Description
Current behavior:
Recently, I have been working on evaluating essential genes. I've found that there are issues with the current evaluation workflow (also in auto-tasks in github) in estimateEssentialGenes
.
ihuman = readYAMLmodel('model/Human-GEM.yml');
taskStruct = parseTaskList('data/metabolicTasks/metabolicTasks_Essential.txt');
[eGenes, INIT_output] = estimateEssentialGenes(ihuman, 'Hart2015_RNAseq.txt', taskStruct);
results = evaluateHart2015Essentiality(eGenes);
I found that the output context-specific models were very strange, with only a small amount of content as you can see below.
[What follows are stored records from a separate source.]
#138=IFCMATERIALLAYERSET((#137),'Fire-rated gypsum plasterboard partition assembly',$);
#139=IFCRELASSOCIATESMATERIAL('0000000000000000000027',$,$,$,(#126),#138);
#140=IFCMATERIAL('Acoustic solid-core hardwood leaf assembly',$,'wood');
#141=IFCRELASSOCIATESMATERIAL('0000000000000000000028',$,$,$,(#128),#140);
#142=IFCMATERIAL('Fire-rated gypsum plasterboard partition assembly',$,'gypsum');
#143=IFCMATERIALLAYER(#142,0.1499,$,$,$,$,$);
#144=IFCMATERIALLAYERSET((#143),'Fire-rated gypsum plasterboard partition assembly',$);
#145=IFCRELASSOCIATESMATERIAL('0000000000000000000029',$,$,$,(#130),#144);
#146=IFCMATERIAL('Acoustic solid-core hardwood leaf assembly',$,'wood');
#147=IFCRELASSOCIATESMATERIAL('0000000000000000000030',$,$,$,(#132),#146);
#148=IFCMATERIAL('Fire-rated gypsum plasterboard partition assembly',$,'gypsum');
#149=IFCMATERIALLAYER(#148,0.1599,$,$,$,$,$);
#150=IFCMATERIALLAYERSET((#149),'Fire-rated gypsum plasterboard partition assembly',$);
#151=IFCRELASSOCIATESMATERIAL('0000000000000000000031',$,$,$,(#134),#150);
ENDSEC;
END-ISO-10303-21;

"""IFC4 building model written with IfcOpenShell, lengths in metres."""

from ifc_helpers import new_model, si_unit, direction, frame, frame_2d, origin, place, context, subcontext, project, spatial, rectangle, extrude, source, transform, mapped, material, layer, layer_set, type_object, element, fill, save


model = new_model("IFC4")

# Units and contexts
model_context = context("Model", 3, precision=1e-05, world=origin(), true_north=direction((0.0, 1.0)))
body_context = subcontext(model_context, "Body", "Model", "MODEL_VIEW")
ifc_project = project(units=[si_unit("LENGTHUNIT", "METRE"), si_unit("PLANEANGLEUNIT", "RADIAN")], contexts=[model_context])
cell_type | DLD1 | GBM | HCT116 | HELA | RPE1 |
---|---|---|---|---|---|
genes | 475 | 475 | 475 | 475 | 475 |
rxns | 250 | 250 | 250 | 250 | 250 |
mets | 339 | 339 | 339 | 339 | 339 |
Further investigation revealed that the reason for this result is due to the fourth parameter useGeneSymbol
of the estimateEssentialGenes
function defaulting as true
, which then converts the genes in the template model into geneSymbol
format. However, in reality, the genes in the Hart2015_RNAseq.txt
data are in the 'ENSG0000' format, leading to no gene matches and thus no gene expression being detected by default.
So, I manually tried changing the fourth parameter to false, and while the content of the resulting model was much more normal.
cell_type | DLD1 | GBM | HCT116 | HELA | RPE1 |
---|---|---|---|---|---|
genes | 1734 | 1731 | 1772 | 1743 | 1669 |
rxns | 6870 | 6265 | 6888 | 6902 | 6097 |
mets | 5680 | 4986 | 5649 | 5665 | 4845 |
However, the result of essential gene evaluation turned out to be all zeros because the genes in in Hart2015_TableS2.xlsx
(Experimental result) are geneSymbol
format. So, I believe that after the model is generated, all genes in the model (include template model) need to be converted into GeneSymbol
format before performing the essential gene evaluation.